I am not aware of ANY caulk that would begin to warrant any warning for a mask.


----------



## Dorado

Sikaflex 252, with polyisocyanate prepolymer, for industrial use only. I shouldn't have even bought it. It was for reattaching hood bracing to a car hood.


----------



## RWolff

> Then I read "for workplace/occupational applications only."


A clever way to avoid possible lawsuits for product damages or injuries, they can simply say that you used the product completely against the labelling where it says "industrial use ONLY" and you used it as a homeowner in your house and were injured.
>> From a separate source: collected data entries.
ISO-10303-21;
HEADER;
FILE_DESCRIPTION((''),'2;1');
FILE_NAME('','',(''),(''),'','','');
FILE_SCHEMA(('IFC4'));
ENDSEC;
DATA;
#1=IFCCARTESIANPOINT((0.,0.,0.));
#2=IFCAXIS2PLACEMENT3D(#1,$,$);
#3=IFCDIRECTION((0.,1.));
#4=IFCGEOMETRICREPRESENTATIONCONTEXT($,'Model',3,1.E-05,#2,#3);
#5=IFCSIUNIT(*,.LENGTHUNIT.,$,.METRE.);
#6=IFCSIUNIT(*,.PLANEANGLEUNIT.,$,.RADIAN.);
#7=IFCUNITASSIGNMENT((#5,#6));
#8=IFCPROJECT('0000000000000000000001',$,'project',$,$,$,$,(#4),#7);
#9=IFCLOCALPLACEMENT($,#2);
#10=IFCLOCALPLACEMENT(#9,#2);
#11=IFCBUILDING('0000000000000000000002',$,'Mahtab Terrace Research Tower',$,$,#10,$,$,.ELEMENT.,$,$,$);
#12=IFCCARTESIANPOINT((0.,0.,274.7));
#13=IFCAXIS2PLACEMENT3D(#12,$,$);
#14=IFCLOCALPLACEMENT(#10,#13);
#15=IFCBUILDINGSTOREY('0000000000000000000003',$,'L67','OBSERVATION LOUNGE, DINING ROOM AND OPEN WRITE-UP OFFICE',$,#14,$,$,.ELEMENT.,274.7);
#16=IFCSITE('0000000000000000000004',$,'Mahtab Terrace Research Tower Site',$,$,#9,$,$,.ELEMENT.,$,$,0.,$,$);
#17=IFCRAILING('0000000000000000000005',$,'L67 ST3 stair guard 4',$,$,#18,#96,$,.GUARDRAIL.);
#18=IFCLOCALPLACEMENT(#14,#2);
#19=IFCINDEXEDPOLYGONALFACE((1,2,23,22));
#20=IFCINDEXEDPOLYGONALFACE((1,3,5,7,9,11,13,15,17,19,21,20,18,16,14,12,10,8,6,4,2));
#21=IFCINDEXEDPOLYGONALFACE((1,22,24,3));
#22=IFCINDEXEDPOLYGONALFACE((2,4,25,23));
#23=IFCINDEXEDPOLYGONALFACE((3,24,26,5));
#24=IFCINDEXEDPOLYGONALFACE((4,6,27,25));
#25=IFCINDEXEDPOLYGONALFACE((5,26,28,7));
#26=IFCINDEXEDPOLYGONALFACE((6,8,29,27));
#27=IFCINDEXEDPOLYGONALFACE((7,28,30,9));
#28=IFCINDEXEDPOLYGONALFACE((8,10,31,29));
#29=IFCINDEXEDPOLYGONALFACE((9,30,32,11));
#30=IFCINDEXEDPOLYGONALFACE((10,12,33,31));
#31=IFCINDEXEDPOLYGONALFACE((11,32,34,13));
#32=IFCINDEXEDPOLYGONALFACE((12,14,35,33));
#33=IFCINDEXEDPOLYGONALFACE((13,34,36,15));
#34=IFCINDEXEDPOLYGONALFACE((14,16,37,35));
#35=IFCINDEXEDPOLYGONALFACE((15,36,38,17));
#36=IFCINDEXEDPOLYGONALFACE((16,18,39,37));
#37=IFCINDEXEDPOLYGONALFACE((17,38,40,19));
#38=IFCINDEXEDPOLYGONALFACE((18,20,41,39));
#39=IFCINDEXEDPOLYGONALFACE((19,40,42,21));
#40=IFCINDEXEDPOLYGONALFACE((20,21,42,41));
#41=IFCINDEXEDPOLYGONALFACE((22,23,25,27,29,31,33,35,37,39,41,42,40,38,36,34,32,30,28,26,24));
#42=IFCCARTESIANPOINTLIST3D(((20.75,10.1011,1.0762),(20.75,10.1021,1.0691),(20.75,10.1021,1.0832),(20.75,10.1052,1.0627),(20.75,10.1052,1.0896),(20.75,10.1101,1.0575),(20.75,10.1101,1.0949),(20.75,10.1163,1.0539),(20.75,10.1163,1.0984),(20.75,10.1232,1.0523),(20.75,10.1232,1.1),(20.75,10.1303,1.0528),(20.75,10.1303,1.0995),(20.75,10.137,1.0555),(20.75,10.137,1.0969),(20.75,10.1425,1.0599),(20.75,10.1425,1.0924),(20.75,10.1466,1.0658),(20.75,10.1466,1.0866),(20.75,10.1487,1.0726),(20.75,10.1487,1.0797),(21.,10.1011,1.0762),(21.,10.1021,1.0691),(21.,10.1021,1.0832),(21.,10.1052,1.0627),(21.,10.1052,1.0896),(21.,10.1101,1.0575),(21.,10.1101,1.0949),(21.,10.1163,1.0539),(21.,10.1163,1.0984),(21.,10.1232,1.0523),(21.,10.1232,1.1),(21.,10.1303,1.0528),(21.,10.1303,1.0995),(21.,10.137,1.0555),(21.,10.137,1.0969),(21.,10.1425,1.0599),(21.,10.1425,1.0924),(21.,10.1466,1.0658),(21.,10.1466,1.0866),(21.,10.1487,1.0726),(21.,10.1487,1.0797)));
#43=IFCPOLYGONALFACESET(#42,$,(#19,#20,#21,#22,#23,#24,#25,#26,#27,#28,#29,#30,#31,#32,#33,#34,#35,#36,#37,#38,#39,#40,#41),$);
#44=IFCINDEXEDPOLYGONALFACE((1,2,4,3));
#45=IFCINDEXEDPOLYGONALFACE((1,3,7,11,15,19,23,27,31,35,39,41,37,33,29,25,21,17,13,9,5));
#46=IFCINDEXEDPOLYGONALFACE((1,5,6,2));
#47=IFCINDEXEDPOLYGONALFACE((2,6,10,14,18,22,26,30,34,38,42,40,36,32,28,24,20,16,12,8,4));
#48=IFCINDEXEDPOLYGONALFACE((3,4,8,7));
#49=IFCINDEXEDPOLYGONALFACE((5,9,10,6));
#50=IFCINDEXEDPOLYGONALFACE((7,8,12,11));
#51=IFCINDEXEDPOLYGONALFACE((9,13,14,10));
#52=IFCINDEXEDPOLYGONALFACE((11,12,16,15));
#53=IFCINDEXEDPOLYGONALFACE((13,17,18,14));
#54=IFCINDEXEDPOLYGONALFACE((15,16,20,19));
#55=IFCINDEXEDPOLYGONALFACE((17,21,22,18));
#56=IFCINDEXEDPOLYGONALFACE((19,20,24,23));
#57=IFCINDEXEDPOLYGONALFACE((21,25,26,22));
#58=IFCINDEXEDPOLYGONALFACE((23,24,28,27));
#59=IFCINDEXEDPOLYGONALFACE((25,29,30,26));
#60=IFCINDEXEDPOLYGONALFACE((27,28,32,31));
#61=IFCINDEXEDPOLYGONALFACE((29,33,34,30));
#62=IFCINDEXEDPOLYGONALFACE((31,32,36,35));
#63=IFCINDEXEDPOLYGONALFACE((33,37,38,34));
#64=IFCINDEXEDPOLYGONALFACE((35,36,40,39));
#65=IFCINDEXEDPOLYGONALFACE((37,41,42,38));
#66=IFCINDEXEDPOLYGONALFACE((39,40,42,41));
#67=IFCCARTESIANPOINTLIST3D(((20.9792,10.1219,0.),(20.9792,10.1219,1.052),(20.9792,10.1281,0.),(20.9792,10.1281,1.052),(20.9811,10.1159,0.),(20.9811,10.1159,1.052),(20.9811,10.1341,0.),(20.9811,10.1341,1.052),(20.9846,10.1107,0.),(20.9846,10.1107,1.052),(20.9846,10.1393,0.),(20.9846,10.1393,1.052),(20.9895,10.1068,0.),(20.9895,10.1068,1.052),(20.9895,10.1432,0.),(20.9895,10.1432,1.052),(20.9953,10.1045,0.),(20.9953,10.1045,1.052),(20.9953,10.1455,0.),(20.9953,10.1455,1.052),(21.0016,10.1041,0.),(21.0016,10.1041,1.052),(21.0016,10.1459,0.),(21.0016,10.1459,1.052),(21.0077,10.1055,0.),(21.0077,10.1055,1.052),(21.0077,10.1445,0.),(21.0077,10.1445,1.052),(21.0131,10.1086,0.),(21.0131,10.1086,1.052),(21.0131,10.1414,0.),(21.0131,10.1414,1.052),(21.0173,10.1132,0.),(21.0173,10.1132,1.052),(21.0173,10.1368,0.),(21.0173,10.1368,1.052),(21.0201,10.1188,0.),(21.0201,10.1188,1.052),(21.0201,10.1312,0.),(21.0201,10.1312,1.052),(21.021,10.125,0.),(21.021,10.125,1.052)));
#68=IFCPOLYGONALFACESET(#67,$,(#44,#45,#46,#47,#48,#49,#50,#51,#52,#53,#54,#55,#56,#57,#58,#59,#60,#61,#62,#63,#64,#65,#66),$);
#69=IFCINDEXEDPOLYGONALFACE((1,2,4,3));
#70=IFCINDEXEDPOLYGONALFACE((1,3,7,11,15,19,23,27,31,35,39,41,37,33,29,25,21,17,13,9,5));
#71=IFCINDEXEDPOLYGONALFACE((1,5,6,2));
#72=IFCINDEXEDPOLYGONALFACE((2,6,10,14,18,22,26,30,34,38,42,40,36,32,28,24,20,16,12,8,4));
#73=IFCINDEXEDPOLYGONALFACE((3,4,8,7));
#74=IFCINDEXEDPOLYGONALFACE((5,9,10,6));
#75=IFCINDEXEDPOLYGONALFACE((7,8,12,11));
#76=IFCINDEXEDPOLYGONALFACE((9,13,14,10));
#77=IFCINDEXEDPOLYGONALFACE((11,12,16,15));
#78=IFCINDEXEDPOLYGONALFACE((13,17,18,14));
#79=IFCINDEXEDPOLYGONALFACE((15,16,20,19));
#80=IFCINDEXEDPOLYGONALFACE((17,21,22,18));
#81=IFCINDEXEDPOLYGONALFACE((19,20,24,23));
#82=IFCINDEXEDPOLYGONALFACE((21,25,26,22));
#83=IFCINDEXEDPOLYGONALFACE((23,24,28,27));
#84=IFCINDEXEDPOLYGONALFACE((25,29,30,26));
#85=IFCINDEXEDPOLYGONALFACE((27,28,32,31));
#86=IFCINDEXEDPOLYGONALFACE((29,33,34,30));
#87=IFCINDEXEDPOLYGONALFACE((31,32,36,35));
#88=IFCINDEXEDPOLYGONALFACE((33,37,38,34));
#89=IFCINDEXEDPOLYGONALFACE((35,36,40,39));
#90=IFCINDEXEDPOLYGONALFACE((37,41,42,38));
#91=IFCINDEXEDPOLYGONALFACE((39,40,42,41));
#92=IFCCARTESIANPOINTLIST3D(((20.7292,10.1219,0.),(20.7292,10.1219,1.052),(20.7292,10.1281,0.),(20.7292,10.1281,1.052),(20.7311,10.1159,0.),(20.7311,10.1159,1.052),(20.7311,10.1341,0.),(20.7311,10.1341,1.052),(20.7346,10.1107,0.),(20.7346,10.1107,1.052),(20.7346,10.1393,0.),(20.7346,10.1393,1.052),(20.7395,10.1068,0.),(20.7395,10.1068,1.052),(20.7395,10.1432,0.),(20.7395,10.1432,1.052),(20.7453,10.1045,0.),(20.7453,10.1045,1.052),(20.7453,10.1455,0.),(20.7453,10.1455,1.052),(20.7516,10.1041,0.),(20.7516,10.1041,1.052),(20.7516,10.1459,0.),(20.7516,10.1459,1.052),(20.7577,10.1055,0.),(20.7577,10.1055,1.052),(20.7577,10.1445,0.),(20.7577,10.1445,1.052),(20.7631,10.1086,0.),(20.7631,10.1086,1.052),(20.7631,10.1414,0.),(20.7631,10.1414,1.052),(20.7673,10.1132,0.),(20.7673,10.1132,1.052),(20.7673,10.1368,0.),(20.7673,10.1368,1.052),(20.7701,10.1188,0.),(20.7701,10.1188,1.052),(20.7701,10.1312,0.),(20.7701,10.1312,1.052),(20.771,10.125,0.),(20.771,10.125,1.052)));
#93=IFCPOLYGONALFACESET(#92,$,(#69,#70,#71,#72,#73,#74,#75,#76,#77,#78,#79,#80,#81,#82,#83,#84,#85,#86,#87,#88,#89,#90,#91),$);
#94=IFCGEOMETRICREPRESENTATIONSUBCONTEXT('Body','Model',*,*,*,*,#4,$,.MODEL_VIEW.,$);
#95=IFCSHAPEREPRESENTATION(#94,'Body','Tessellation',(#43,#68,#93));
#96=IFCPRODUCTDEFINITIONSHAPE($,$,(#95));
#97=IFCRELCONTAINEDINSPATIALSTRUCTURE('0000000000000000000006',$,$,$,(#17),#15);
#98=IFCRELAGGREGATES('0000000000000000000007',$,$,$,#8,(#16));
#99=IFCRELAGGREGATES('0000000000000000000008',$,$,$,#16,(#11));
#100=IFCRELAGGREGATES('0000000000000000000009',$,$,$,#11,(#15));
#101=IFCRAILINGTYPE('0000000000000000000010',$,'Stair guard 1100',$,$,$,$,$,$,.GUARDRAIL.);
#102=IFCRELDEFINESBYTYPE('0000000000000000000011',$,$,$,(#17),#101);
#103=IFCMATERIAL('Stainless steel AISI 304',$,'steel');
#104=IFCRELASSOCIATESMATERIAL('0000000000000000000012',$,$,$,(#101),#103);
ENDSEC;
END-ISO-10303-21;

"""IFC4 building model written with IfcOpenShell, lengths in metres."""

from ifc_helpers import new_model, si_unit, direction, frame, origin, origin_2d, place, context, subcontext, project, spatial, circle, extrude, material, type_object, element, save


model = new_model("IFC4")

# Units and contexts
model_context = context("Model", 3, precision=1e-05, world=origin(), true_north=direction((0.0, 1.0)))
body_context = subcontext(model_context, "Body", "Model", "MODEL_VIEW")
ifc_project = project(units=[si_unit("LENGTHUNIT", "METRE"), si_unit("PLANEANGLEUNIT", "RADIAN")], contexts=[model_context])

# Site, building, storey
site_placement = place(None, origin())
site = spatial("IfcSite", under=ifc_project, at=site_placement, Name="Mahtab Terrace Research Tower Site", CompositionType="ELEMENT", RefElevation=0.0)
building_placement = place(site_placement, origin())
building = spatial("IfcBuilding", under=site, at=building_placement, Name="Mahtab Terrace Research Tower", CompositionType="ELEMENT")
storey_placement = place(building_placement, frame((0.0, 0.0, 274.7)))
storey = spatial("IfcBuildingStorey", under=building, at=storey_placement, Name="L67", Description="OBSERVATION LOUNGE, DINING ROOM AND OPEN WRITE-UP OFFICE", CompositionType="ELEMENT", Elevation=274.7)

# Railing
ifc_material_1 = material(Name="Stainless steel AISI 304", Category="steel")
railing_type_1 = type_object("IfcRailingType", Name="Stair guard 1100", PredefinedType="GUARDRAIL", material=ifc_material_1)
railing_1_placement = place(storey_placement, frame((21.0, 10.125, 0.0)))
element("IfcRailing", 1, at=railing_1_placement, inside=storey, type_object=railing_type_1, Name="L67 ST3 stair guard 4", PredefinedType="GUARDRAIL", context=body_context, shape_type="SweptSolid", body=[
    extrude(circle(Radius=0.0239, at=origin_2d()), frame((0.0, 0.0, 1.0762), z_axis=(-1.0, 0.0, 0.0), x_axis=(0.0, -1.0, 0.0)), (0.0, 0.0, 1.0), 0.25),
    extrude(circle(Radius=0.021, at=origin_2d()), origin(), (0.0, 0.0, 1.0), 1.052),
    extrude(circle(Radius=0.021, at=origin_2d()), frame((-0.25, 0.0, 0.0)), (0.0, 0.0, 1.0), 1.052),
])

save(model, "model.ifc")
Then they can lay the blame on the store that SOLD it to you by claiming the store never should have sold it to you and also violated the label's warning.

See how nicely that works out?
It's all about the money trail, just track back the money trail and it becomes clear every time.


----------



## bobelectric

Only use NIOSH approved respirators.


----------



## Maintenance 6

NIOSH approved is a third of the battle. Using the proper cartridges and pre-filters is another third. Getting the proper size, so that it all seals against your face is the final third. Actually weariing it falls in there some place too.


----------